Eleven Mile State Park officials opened the reservoir to boating on April 30 after the last stubborn ice sheets exited the reservoir. The North Shore Boat Ramp will be open each day from one half hour before sunrise to one half hour after sunset through October. For the time being, the Witcher’s Cove Boat Ramp will remain closed. Night time boating is prohibited at Eleven Mile Reservoir.

“As has been the case the past five years, all trailered boats will be inspected for zebra and quagga mussels and other aquatic nuisance species before they are allowed to go out on the water,” said Kevin Tobey, park manager of Eleven Mile. “Due to the Discovery of Eurasian Water Milfoil (an aquatic plant) and New Zealand Mud Snails in the reservoir two years ago, boats must also be inspected before leaving the boat ramp area. Boats that are cleaned, drained and dry can receive a seal after the inspection is complete which will decrease the wait time the next time they enter a state-run reservoir.”

With the discovery of zebra and quagga mussels in several western states including Colorado, Parks and Wildlife officials continue to ask boaters to help protect our public waters from all aquatic nuisance species (ANS). These organisms are non-native, invasive species that spread very quickly, causing harmful effects to the environment and man-made water delivery systems. All boaters, belly boaters, and fishermen wading into the water are advised to take a few simple, precautionary steps every time they go to a lake, river or stream. Before leaving a lake or other waterway, boaters should:

  • CLEAN the hull of your boat.
  • DRAIN the water from the boat, live well and the lower unit of the engine
  • DRY the boat, fishing gear, and equipment.
  • INSPECT all exposed surfaces.
  • REMOVE all plant and animal material.

Eleven Mile Reservoir is nearly full and is not expected to drop much over the course of the summer and should continue to provide great fishing opportunities.

“Recent surveys conducted by Colorado Parks and Wildlife show that there are a number of large, healthy pike in the reservoir,” added Tobey. “In order to maintain a good balance between trout (the main food source for pike) and pike, we would like folks to harvest any pike they catch.” Colorado Parks and Wildlife continues to stock a large number of 8-12” trout in order to limit the number of trout the pike can eat. A similar program was established at nearby Spinney Mountain Reservoir several years ago and has resulted in a healthy population of trout over 20” long. Tobey said Kokanee salmon are also being stocked, although in lower numbers than in recent years.
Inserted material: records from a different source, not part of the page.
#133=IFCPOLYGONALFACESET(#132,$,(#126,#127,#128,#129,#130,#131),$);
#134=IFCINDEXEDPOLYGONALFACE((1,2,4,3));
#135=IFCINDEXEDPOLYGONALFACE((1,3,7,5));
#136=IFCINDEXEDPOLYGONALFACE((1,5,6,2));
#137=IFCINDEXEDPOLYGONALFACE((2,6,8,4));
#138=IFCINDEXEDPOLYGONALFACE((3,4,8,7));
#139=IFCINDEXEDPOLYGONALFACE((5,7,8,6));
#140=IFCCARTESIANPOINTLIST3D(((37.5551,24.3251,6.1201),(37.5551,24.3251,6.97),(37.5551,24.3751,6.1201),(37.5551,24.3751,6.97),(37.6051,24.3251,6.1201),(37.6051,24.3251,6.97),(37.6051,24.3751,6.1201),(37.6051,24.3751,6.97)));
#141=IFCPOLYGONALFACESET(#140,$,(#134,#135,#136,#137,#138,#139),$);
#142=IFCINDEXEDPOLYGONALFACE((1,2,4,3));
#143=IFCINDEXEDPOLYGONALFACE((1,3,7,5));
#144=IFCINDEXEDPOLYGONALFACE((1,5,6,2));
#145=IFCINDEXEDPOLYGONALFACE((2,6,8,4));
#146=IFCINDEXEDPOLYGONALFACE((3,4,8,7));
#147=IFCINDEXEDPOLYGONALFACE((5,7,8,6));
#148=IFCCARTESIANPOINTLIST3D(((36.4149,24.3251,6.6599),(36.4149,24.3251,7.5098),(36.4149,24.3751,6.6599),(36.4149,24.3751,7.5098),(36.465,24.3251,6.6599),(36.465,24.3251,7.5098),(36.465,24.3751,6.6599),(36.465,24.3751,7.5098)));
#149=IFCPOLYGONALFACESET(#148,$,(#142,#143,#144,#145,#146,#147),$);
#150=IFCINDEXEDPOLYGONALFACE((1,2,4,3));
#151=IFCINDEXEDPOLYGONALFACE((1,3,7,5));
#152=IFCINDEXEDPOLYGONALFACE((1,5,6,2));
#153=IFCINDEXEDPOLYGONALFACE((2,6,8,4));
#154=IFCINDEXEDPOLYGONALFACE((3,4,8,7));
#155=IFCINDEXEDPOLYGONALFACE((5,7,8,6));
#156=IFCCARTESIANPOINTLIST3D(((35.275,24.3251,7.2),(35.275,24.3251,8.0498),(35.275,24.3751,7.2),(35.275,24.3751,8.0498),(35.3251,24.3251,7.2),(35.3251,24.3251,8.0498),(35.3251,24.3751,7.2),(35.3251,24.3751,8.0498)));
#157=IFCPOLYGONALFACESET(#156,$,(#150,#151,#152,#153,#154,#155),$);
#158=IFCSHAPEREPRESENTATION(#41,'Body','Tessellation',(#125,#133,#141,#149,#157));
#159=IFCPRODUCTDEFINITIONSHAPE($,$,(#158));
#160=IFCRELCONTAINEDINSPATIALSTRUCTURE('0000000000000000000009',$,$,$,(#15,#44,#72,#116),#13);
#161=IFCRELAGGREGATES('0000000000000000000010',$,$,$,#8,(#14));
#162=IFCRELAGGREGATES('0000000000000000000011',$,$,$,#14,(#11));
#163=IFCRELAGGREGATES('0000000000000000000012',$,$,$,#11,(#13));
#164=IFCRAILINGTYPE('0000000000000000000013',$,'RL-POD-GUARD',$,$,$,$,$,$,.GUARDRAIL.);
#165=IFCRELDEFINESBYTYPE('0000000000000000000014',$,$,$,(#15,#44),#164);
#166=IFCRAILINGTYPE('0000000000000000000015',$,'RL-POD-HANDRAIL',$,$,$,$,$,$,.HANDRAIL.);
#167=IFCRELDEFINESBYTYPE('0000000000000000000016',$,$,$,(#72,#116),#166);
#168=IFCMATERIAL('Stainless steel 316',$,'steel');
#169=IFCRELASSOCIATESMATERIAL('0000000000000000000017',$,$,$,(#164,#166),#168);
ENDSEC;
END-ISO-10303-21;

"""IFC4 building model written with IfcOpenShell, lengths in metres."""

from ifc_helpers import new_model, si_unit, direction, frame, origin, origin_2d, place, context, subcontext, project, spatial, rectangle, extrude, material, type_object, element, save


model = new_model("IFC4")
The park offers a variety of recreational opportunities including overnight camping at nearly 350 campsites, five miles of hiking and bicycling trails, interpretive programs and wildlife viewing opportunities to name a few.

Nearby Spinney Mountain Reservoir opened for the season on April 29, but is only allowing hand-carried boats at this time due to low water. Hand-carried boats with gas motors are not allowed there on Tuesdays and Wednesdays, but are permitted the remainder of the week.